Sunday 1 July 2012

The Dominion of Canada and Religious Liberty

Today, Dominion Day (or Canada Day), I thought of today's Gospel and how the hemorrhaging woman could be seen as a symbol of Canada: a nation bleeding from her sins, a nation in need to come close to Christ, to be healed. A nation, that needs not celebration of sin, not pride in evil, but humble contrition, and a return to the Gospel. Pope Leo XIII once wrote that to have had the Gospel, the Truth and to abandon it for falsehood and all the rest; surely this is madness. As this madness spreads, I thought it opportune to recall us to some of our more important foundations - such as the exercise of religious liberty as is the right of every free man. In a day when internet "show trials" destroy the person, all the more should we proclaim the religious right to dissent from State dogma, from media pressure, from elites... Religious freedom is one key note in the melody of liberty that distinguishes the freeman from the slave, the free nation from the fascist State. Note, as well, that religious liberty pre-dates the Canadian State. Religious liberty is not something the State grants; rather it can only recognize it, just as I must recognize that two and two make four. 


From the Catholic Encyclopedia (1971): 

In 1840 the union of Upper and Lower Canada, so long fought off by the latter as an act of gross injustice, was accomplished. The avowed aim of the Protestants of Ontario was to make Quebec subject to Ontario, the French element to the English, the Catholic to the Protestant. Contrary to all expectation, this act turned out favourable to the liberty and progress of Catholicism. Far from abrogating the provisions of the constitution of 1791 concerning the Catholic religion, it extended them, at the same time providing for their enforcement. For in 1840, after the guarantees of liberty given the Catholic Church by the British Government, the spiritual supremacy of the king in religious affairs could not be maintained as defined in the Royal Instructions of 1791. Let us add that Lord Elgin, a broad-minded governor, appeared on the scene, and recognized that it was time to put an end to a system of government based on partiality and the denial of justice.

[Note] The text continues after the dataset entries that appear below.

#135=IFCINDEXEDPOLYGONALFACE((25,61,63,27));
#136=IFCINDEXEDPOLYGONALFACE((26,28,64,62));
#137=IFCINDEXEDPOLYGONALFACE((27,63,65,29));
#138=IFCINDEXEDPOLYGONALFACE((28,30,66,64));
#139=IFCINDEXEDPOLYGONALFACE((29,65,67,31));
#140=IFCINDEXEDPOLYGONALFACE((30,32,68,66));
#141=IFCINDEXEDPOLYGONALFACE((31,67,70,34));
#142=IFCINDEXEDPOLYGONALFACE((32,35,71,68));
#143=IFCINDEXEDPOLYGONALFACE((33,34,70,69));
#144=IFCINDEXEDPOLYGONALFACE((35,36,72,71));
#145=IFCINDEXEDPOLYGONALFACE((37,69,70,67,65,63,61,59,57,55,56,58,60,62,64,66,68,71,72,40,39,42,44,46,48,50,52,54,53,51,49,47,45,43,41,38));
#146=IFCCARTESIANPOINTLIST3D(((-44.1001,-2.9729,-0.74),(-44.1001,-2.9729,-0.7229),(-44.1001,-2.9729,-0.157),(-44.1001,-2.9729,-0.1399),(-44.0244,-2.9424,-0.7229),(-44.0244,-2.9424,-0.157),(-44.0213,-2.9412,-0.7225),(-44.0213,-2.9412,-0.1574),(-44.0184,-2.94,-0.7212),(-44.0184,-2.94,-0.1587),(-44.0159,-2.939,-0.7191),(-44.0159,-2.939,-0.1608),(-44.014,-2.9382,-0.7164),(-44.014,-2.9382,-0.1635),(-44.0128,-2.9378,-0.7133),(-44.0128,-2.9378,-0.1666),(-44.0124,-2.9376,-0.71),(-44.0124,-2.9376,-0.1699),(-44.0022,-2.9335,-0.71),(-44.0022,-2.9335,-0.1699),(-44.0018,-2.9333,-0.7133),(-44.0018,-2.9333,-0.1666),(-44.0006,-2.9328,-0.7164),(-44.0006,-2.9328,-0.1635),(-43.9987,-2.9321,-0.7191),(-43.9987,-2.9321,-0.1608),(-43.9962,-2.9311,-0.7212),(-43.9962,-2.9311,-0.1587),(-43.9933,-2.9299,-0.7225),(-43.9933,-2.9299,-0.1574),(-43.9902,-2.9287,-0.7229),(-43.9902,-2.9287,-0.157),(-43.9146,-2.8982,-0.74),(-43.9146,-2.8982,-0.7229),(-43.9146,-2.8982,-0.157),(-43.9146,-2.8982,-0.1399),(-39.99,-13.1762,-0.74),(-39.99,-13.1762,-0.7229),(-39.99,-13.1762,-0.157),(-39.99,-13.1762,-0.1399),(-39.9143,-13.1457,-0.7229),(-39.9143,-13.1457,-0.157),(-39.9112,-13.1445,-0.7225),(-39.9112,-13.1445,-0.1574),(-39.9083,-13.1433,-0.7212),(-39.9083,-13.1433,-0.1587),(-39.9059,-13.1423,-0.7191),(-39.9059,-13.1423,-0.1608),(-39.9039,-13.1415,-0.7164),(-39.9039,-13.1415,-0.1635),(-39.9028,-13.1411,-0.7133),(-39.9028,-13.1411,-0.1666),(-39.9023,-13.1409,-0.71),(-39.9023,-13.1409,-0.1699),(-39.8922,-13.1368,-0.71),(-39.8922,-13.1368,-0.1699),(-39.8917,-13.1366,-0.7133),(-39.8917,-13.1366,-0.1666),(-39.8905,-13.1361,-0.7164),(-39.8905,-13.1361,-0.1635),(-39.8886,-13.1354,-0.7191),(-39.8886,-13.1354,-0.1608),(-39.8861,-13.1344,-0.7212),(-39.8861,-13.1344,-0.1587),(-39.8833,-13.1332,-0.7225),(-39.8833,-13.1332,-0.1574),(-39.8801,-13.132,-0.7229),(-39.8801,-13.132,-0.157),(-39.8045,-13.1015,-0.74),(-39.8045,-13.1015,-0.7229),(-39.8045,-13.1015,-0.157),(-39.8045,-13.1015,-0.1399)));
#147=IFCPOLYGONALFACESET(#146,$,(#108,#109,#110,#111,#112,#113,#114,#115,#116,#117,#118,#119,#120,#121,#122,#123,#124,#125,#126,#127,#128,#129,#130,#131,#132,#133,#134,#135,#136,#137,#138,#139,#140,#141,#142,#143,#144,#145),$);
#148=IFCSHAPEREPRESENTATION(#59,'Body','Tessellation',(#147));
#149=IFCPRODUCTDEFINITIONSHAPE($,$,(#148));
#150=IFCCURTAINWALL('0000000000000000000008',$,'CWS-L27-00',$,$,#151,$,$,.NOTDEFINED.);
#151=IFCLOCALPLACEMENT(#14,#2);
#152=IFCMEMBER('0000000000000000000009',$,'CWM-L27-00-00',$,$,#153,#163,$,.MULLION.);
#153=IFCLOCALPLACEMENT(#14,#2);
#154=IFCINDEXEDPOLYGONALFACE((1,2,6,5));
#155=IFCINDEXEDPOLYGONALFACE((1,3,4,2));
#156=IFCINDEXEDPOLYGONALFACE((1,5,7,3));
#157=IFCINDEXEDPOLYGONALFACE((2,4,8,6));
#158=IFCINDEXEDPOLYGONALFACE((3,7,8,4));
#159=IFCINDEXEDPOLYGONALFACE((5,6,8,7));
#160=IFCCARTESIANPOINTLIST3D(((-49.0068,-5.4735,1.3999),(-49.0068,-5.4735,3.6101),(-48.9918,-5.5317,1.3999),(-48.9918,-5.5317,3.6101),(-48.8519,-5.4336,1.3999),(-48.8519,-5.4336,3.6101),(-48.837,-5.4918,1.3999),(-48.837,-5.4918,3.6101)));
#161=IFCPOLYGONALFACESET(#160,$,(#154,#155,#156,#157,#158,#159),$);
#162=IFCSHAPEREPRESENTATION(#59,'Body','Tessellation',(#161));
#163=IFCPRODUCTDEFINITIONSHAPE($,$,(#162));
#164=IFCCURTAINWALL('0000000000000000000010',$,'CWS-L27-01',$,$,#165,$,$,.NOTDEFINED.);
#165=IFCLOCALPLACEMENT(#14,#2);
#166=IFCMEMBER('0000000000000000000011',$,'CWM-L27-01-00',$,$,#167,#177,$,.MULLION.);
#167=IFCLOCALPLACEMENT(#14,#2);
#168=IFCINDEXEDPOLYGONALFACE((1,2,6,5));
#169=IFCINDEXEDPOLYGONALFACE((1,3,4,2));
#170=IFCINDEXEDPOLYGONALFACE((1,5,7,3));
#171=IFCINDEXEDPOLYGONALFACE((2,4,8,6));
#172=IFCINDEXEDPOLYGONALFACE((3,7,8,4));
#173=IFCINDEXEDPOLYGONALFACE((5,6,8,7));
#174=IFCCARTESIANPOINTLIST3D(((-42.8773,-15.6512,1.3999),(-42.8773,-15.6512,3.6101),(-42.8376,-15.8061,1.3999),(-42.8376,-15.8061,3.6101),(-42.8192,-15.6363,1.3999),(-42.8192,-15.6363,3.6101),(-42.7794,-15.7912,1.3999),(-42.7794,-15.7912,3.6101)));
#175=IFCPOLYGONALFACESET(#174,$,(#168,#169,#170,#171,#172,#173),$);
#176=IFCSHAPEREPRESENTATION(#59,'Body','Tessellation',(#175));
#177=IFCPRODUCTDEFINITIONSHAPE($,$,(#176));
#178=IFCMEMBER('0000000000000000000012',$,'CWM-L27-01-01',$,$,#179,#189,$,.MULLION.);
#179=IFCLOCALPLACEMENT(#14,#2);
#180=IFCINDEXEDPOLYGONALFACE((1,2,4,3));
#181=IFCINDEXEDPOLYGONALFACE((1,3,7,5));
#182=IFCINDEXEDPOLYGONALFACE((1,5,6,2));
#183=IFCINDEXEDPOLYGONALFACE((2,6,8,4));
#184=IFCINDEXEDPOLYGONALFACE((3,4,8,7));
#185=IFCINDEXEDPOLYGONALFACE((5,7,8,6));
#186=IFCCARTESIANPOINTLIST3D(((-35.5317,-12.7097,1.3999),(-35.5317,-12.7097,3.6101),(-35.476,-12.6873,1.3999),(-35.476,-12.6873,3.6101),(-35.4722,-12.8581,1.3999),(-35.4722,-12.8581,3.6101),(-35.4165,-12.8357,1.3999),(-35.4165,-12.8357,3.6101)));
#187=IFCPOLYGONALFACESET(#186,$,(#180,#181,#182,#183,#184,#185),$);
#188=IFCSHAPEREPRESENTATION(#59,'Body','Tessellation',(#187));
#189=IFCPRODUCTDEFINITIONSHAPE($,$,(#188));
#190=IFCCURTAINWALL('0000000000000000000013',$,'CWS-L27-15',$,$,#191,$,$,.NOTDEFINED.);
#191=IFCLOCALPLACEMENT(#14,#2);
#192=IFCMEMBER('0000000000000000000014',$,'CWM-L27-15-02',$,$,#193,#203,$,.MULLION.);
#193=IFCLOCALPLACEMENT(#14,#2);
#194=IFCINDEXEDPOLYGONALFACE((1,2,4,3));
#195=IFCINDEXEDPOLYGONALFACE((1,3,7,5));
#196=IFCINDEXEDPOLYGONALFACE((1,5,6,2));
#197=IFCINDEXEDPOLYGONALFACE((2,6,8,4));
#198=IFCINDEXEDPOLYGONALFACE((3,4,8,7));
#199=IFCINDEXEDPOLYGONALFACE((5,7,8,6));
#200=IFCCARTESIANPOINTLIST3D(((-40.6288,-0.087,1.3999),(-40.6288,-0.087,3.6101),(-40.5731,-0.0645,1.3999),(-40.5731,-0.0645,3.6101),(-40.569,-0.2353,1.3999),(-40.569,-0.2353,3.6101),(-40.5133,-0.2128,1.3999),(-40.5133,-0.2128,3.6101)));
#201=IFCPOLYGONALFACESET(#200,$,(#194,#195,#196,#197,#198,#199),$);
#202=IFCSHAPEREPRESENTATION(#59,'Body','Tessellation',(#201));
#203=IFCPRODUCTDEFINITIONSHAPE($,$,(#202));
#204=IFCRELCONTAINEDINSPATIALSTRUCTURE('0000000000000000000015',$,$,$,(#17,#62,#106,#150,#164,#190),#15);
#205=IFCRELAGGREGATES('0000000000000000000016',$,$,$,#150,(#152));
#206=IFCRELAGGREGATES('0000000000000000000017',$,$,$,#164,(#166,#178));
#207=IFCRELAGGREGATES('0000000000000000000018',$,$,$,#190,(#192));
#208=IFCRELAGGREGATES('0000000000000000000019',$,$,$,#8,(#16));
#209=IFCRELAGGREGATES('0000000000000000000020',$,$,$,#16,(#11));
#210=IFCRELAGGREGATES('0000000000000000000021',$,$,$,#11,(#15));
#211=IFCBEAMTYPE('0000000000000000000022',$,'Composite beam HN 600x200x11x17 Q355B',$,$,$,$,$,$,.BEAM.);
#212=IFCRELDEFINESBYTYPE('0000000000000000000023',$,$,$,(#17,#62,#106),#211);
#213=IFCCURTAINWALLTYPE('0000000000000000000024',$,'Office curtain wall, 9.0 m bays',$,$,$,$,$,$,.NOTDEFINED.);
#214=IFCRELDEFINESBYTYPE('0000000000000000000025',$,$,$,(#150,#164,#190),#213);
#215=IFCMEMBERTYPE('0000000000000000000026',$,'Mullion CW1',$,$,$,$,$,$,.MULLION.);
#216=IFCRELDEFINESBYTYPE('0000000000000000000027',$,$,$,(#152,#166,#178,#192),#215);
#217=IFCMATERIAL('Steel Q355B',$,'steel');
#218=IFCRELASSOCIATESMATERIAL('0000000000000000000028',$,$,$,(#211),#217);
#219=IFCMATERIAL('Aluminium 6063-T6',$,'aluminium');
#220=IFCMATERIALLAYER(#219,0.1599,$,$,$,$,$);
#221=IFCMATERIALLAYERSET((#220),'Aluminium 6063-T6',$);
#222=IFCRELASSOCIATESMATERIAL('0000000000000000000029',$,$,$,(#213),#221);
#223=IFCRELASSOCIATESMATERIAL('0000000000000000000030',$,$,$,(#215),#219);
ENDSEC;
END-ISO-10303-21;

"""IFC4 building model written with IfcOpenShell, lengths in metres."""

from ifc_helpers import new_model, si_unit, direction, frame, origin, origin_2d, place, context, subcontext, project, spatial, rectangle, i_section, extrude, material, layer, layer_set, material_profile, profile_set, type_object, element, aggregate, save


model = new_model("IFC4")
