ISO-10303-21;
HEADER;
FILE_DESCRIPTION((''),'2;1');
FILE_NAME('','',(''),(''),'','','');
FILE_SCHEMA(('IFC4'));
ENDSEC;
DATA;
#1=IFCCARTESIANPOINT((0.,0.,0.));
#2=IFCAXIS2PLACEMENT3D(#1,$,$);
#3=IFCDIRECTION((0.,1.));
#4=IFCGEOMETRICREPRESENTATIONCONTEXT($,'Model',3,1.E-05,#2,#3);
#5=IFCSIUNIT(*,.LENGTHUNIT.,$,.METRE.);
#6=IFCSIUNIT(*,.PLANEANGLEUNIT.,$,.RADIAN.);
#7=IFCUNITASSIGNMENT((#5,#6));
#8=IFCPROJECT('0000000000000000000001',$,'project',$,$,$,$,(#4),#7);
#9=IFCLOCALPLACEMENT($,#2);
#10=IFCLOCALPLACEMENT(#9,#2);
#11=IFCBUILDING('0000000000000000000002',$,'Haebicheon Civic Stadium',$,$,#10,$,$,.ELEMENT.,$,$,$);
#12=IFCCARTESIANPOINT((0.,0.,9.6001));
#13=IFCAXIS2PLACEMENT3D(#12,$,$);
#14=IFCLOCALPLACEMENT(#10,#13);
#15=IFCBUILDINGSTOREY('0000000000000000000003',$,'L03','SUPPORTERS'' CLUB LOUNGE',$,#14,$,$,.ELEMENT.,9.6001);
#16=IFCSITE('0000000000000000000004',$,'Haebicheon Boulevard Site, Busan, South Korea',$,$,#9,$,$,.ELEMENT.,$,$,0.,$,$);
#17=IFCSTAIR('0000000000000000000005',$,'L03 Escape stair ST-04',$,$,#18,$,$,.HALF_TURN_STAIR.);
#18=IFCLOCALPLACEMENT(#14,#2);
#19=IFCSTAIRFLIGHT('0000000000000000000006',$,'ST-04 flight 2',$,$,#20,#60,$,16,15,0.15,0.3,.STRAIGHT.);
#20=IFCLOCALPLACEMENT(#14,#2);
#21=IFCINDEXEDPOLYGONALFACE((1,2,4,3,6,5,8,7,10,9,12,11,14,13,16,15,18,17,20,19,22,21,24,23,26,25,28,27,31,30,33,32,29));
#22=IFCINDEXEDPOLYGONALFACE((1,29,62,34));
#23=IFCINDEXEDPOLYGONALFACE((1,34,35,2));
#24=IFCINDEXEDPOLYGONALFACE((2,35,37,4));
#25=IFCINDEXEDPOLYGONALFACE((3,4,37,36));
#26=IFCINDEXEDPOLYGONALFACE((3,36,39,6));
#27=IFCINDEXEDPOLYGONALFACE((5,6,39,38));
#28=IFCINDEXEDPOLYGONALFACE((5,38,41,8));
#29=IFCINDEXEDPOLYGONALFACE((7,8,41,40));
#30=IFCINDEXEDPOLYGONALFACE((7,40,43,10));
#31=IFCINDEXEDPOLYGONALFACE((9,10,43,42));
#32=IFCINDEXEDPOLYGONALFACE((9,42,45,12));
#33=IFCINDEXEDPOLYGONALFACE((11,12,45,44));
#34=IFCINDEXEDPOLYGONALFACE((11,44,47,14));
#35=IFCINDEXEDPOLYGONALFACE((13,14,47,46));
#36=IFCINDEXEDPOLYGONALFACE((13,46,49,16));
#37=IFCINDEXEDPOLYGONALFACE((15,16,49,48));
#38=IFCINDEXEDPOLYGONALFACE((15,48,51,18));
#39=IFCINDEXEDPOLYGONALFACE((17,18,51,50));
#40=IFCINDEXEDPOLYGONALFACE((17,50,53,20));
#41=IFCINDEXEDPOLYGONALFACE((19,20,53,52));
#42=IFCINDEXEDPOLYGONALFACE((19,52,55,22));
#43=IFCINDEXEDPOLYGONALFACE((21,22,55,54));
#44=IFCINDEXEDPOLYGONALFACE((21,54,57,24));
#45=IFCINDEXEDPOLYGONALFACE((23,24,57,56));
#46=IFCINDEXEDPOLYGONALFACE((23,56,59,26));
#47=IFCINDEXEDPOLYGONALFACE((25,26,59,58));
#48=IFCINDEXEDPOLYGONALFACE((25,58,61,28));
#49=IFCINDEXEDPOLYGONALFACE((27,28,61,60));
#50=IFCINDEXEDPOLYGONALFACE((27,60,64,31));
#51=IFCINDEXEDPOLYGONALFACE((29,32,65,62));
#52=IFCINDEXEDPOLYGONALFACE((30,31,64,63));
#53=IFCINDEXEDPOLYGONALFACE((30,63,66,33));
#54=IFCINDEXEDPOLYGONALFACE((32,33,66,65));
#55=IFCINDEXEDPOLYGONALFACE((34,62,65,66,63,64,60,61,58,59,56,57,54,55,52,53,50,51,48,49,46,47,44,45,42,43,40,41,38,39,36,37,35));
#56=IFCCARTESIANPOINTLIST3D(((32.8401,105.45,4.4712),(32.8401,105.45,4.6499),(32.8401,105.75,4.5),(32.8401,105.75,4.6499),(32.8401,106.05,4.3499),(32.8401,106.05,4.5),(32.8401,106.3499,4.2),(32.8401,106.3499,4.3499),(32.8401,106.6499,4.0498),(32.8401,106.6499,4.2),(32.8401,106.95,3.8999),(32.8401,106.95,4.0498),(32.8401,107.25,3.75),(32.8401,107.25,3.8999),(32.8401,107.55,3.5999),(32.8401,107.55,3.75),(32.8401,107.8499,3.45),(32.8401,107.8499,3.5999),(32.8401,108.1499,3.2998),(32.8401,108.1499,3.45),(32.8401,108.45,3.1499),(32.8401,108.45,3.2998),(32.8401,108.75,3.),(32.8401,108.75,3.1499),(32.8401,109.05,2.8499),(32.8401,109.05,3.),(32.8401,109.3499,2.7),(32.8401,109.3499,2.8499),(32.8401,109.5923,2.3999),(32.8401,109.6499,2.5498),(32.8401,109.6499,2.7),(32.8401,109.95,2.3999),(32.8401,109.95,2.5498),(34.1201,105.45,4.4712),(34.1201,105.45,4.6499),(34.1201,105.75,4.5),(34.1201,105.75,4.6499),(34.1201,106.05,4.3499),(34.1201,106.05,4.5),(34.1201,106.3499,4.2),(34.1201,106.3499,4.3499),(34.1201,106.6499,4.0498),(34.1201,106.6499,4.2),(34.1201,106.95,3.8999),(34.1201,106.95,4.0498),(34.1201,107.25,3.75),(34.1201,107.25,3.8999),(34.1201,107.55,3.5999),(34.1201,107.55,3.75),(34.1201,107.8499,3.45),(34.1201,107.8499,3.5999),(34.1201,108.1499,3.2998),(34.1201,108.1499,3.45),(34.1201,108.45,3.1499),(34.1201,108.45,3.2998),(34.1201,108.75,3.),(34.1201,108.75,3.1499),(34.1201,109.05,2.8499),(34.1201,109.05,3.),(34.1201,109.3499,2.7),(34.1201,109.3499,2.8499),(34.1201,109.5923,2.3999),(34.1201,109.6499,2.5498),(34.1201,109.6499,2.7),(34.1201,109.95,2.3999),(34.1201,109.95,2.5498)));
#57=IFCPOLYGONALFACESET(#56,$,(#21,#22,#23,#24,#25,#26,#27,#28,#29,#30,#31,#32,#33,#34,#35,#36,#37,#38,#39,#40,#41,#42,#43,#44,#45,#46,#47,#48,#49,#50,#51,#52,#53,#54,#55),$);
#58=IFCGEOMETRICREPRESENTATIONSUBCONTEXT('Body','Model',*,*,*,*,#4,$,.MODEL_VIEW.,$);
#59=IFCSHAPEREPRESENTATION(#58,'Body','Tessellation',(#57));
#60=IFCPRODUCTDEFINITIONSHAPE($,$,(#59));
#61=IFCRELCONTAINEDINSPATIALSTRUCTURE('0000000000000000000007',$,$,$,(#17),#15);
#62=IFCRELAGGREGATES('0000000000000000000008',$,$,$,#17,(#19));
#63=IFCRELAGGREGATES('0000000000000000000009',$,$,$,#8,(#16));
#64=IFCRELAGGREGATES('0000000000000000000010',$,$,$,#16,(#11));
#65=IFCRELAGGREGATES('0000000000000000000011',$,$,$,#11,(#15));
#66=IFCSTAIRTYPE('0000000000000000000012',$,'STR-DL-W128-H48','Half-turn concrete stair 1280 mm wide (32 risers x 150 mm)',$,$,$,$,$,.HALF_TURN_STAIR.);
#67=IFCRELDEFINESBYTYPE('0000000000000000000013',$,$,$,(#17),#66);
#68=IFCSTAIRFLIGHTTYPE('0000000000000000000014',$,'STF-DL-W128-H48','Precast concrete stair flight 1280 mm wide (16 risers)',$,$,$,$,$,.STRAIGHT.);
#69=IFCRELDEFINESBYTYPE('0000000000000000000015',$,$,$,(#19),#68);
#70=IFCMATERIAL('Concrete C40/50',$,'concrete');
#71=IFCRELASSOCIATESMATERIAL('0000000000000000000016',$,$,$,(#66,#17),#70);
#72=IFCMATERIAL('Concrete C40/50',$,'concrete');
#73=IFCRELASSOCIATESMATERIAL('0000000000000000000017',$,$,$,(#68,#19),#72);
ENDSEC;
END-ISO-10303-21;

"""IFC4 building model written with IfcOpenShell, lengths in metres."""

from ifc_helpers import new_model, si_unit, direction, frame, origin, place, context, subcontext, project, spatial, polyline, outline, extrude, material, type_object, element, aggregate, save


model = new_model("IFC4")

# Units and contexts
model_context = context("Model", 3, precision=1e-05, world=origin(), true_north=direction((0.0, 1.0)))
body_context = subcontext(model_context, "Body", "Model", "MODEL_VIEW")
ifc_project = project(units=[si_unit("LENGTHUNIT", "METRE"), si_unit("PLANEANGLEUNIT", "RADIAN")], contexts=[model_context])

# Site, building, storey
site_placement = place(None, origin())
site = spatial("IfcSite", under=ifc_project, at=site_placement, Name="Haebicheon Boulevard Site, Busan, South Korea", CompositionType="ELEMENT", RefElevation=0.0)
building_placement = place(site_placement, origin())
building = spatial("IfcBuilding", under=site, at=building_placement, Name="Haebicheon Civic Stadium", CompositionType="ELEMENT")
storey_placement = place(building_placement, frame((0.0, 0.0, 9.6001)))
storey = spatial("IfcBuildingStorey", under=building, at=storey_placement, Name="L03", Description="SUPPORTERS' CLUB LOUNGE", CompositionType="ELEMENT", Elevation=9.6001)

# Stair, stair flight
ifc_material_1 = material(Name="Concrete C40/50", Category="concrete")
stair_type = type_object("IfcStairType", Name="STR-DL-W128-H48", Description="Half-turn concrete stair 1280 mm wide (32 risers x 150 mm)", PredefinedType="HALF_TURN_STAIR", material=ifc_material_1)
stair_placement = place(storey_placement, origin())
stair = element("IfcStair", 1, at=stair_placement, inside=storey, type_object=stair_type, material=ifc_material_1, Name="L03 Escape stair ST-04", PredefinedType="HALF_TURN_STAIR")
ifc_material_2 = material(Name="Concrete C40/50", Category="concrete")
stair_flight_type = type_object("IfcStairFlightType", Name="STF-DL-W128-H48", Description="Precast concrete stair flight 1280 mm wide (16 risers)", PredefinedType="STRAIGHT", material=ifc_material_2)
stair_flight_1_placement = place(storey_placement, frame((33.48, 109.95, 2.3999), z_axis=(0.0, 0.0, 1.0), x_axis=(0.0, -1.0, 0.0)))
stair_flight_1 = element("IfcStairFlight", 2, at=stair_flight_1_placement, type_object=stair_flight_type, material=ifc_material_2, Name="ST-04 flight 2", NumberOfRisers=16, NumberOfTreads=15, PredefinedType="STRAIGHT", RiserHeight=0.15, TreadLength=0.3, context=body_context, shape_type="SweptSolid", body=[
    extrude(outline(polyline([(0.0, 0.0), (0.0, 0.1499), (0.3, 0.1499), (0.3, 0.3), (0.6001, 0.3), (0.6001, 0.45), (0.8999, 0.45), (0.8999, 0.6001), (1.2, 0.6001), (1.2, 0.75), (1.5, 0.75), (1.5, 0.8999), (1.8, 0.8999), (1.8, 1.05), (2.1001, 1.05), (2.1001, 1.2), (2.3999, 1.2), (2.3999, 1.3501), (2.7, 1.3501), (2.7, 1.5), (3.0, 1.5), (3.0, 1.6499), (3.3, 1.6499), (3.3, 1.8), (3.6001, 1.8), (3.6001, 1.95), (3.8999, 1.95), (3.8999, 2.1001), (4.2, 2.1001), (4.2, 2.25), (4.5, 2.25), (4.5, 2.3999), (4.5, 2.0713), (0.3577, 0.0), (0.0, 0.0)])), frame((0.0, 0.6401, 0.0), z_axis=(0.0, -1.0, 0.0), x_axis=(1.0, 0.0, 0.0)), (0.0, 0.0, 1.0), 1.28),
])
aggregate(stair, [stair_flight_1])

save(model, "model.ifc")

To this governor Canada is indebted for her religious liberty, plainly granted in an act of 1851 issued by the King of Great Britain and published in the Canadian press, 1 June 1852. Here it is formally stated that the "free exercise and enjoyment of profession and religious worship, without distinction or preference, are permitted by the constitution and laws of this province of Canada to all the subjects of His Majesty in the said province."

1 comment:

Freyr said...

A very interesting little tidbit... thanks.